Last season Parker led the Spurs for the first couple of months, and then newcomers Marco Belinelli and Patty Mills took the baton for the injury-plagued middle, Tim Duncan put the team on his back in February and Leonard carried them home in March and April. This year there's been a bit of a void. Again Parker started very well in November, but once he got hurt in early December no one has really picked up his slack. There was a nice two-week stretch from Leonard when he returned from a 15-game absence in mid-January, but he couldn't sustain it.

Consequently the Spurs wind up with games like the other night in Oakland, where no one breaks out. It was the sixth time already this season where the Spurs had nobody score 15 points or that Cory Joseph was the lone exception, and it's tough to really consider him a contributor going forward with Popovich set on playing Mills and Belinelli. [Even though this post was written prior to the Utah game, on cue the Spurs delivered a seventh such performance against the Jazz, with Duncan leading them in scoring with just 14 points.] The point is the top ten guys are all going flat.

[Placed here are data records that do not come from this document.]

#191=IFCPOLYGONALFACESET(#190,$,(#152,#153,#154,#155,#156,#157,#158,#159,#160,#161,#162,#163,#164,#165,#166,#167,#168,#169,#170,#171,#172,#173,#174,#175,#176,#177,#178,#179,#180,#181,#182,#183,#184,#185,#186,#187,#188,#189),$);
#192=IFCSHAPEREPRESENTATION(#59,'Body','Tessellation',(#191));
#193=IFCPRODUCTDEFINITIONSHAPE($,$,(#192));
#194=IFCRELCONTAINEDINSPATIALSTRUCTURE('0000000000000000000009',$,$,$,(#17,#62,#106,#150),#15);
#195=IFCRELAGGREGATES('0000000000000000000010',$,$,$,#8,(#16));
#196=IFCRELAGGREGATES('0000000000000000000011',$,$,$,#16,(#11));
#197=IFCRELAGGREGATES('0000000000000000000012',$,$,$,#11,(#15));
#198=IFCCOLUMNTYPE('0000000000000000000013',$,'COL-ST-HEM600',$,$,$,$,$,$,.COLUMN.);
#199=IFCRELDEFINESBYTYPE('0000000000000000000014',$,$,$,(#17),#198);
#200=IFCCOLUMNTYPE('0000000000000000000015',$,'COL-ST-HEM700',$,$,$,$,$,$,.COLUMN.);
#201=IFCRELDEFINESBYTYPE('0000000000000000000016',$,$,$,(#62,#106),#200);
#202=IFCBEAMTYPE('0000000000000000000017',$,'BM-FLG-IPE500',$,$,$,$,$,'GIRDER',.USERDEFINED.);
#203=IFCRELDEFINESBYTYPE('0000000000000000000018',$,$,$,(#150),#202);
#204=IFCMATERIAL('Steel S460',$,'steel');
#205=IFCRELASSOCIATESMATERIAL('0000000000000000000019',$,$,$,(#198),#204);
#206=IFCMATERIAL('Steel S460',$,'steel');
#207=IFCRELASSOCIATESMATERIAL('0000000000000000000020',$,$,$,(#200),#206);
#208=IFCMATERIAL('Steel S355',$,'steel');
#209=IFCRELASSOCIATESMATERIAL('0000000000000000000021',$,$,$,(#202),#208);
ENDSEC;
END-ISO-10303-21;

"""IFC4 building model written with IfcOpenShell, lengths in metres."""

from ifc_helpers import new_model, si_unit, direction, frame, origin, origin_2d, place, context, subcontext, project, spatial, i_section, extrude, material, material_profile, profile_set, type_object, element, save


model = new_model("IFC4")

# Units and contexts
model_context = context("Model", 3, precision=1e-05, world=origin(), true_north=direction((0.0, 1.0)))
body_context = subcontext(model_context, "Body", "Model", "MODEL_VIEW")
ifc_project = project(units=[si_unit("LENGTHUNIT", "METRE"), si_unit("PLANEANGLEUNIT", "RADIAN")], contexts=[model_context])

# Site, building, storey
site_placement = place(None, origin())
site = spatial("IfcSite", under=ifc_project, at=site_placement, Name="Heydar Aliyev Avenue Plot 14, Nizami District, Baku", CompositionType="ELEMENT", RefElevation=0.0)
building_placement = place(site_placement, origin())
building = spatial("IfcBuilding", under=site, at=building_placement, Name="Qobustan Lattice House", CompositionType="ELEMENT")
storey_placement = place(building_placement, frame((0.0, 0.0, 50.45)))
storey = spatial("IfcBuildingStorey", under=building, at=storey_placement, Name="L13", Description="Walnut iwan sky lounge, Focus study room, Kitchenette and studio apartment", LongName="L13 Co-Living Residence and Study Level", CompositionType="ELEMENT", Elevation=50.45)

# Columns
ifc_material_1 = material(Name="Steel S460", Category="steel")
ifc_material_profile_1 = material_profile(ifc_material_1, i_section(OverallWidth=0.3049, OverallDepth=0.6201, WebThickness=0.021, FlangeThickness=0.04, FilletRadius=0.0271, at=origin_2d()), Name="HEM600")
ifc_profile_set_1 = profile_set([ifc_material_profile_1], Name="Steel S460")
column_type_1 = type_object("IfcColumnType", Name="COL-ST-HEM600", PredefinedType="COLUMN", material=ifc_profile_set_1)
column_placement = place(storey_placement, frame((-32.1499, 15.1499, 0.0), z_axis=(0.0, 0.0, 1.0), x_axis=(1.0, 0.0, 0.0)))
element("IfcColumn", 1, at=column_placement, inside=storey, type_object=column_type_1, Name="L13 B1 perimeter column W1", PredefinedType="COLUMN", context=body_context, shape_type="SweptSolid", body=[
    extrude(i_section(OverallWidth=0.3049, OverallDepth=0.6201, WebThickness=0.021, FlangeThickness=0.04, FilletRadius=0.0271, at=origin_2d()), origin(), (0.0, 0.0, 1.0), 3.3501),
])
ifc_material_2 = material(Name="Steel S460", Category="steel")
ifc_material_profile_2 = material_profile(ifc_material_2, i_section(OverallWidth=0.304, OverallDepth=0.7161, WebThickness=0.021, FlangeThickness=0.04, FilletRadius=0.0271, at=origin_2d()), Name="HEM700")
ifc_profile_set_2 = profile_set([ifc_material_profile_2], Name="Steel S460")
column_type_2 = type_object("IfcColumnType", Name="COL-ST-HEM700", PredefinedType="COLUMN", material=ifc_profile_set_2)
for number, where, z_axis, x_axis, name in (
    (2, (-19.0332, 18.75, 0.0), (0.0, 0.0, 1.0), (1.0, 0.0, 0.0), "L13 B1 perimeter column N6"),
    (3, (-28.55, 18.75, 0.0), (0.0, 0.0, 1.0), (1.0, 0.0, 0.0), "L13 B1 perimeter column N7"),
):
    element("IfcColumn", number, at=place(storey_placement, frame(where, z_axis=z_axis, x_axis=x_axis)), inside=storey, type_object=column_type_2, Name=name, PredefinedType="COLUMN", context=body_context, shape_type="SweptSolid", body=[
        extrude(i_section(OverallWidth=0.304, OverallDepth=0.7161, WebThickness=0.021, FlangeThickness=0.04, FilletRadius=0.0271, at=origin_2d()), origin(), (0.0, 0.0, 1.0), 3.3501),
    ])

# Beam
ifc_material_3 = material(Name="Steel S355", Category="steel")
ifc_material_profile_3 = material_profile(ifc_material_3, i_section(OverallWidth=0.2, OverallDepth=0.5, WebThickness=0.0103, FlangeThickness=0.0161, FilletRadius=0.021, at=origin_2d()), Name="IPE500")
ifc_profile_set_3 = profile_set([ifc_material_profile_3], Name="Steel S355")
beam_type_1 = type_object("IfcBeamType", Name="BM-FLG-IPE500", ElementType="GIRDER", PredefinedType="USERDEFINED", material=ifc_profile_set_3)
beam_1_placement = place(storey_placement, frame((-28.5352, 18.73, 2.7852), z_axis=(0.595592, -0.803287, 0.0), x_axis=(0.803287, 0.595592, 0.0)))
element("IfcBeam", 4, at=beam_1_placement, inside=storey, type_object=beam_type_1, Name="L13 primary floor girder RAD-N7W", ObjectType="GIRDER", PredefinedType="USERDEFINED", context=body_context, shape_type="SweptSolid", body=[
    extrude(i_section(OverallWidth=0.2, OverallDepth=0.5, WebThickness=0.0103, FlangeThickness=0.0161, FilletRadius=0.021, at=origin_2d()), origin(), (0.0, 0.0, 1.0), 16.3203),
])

The problem is bigger than the Spurs averaging 4.9 fewer points this season than last or sinking from 7th to 12th in offensive rating. It's that almost everyone has been worse, or at least less efficient, instead of just one or two guys.

Parker, Mills, Belinelli, Manu Ginobili and Boris Diaw are all scoring less and shooting a worse percentage than they did last season. That's five of the team's ten best players, and they're having more difficulty scoring, dramatically so in some cases.

Leonard, Danny Green and Matt Bonner are averaging more points, but shooting a worse percentage. That makes eight of the top 12 shooting it worse than last year. Again, the difference is huge in some cases.

Duncan and Tiago Splitter are scoring fewer points but shooting a better percentage, just barely so in both of their cases.

That leaves two Spurs who are both scoring more points and shooting more efficiently than last season: Joseph and Aron Baynes. No offense to either of them and I'm a fan of both, but when Joseph and Baynes are your only two improved scorers, your team is probably struggling to score.

We can also break down the team's offensive difficulties in chart form. Here is the team's scoring ranges in 2013-14. I left out the single-digit games and grouped the scoring from 10-14 points, 15-19, 20-24, 25-29, and 30-plus.

spurs scoring

The Spurs had 50 cases of a player scoring 20-24 points last season, 18 cases of someone scoring 25-29 and seven times where somebody cracked 30 (five Spurs turned that trick and neither Ginobili nor Leonard were among them).

Now let's look at this year's breakdown, through 55 games.

spurs scorers 2

The Spurs have had 28 instances of someone scoring 20-24 points, 13 outbursts of 25-29 points and just two 30-point games, both of them coming from the ageless Duncan.

Whereas last season, where the Spurs got a 20-24 point scoring performance in 61 percent of their games, meaning that out of every five games they played somebody was likely to score between 20-24 points in three of them, this season that number has dropped to 51 percent.

The other big drop-off has been in 30-point games, from a nine percent chance to four percent this year. Add up the 20-24, 25-29 and 30-plus percentages up and basically the Spurs have sunk from a 92 percent likelihood of having a 20-plus point scorer in a game to 79 percent. That's a pretty drastic plunge.

Popovich had a feeling this was coming in the off-season. "I'm worried for one reason," he told Buck Harvey of the San Antonio Express-News. "They are human beings. They are going to feel satisfied."

His solution was to shift more of the load and the responsibility to the guy who one would assume would be the hungriest to accomplish a lot more in the NBA, and that's Leonard, especially going into a contract year. For various reasons, that plan hasn't panned out. Either Leonard is expecting more from everyone else or they're expecting more from him, but it's just not working.

Either nobody wants to be the alpha dog to lift the team out of its malaise or no one is capable of doing it for any meaningful stretch. Right now the Spurs are a team of followers, and they're all looking at each other, wondering why they're not scoring at will like they have for years.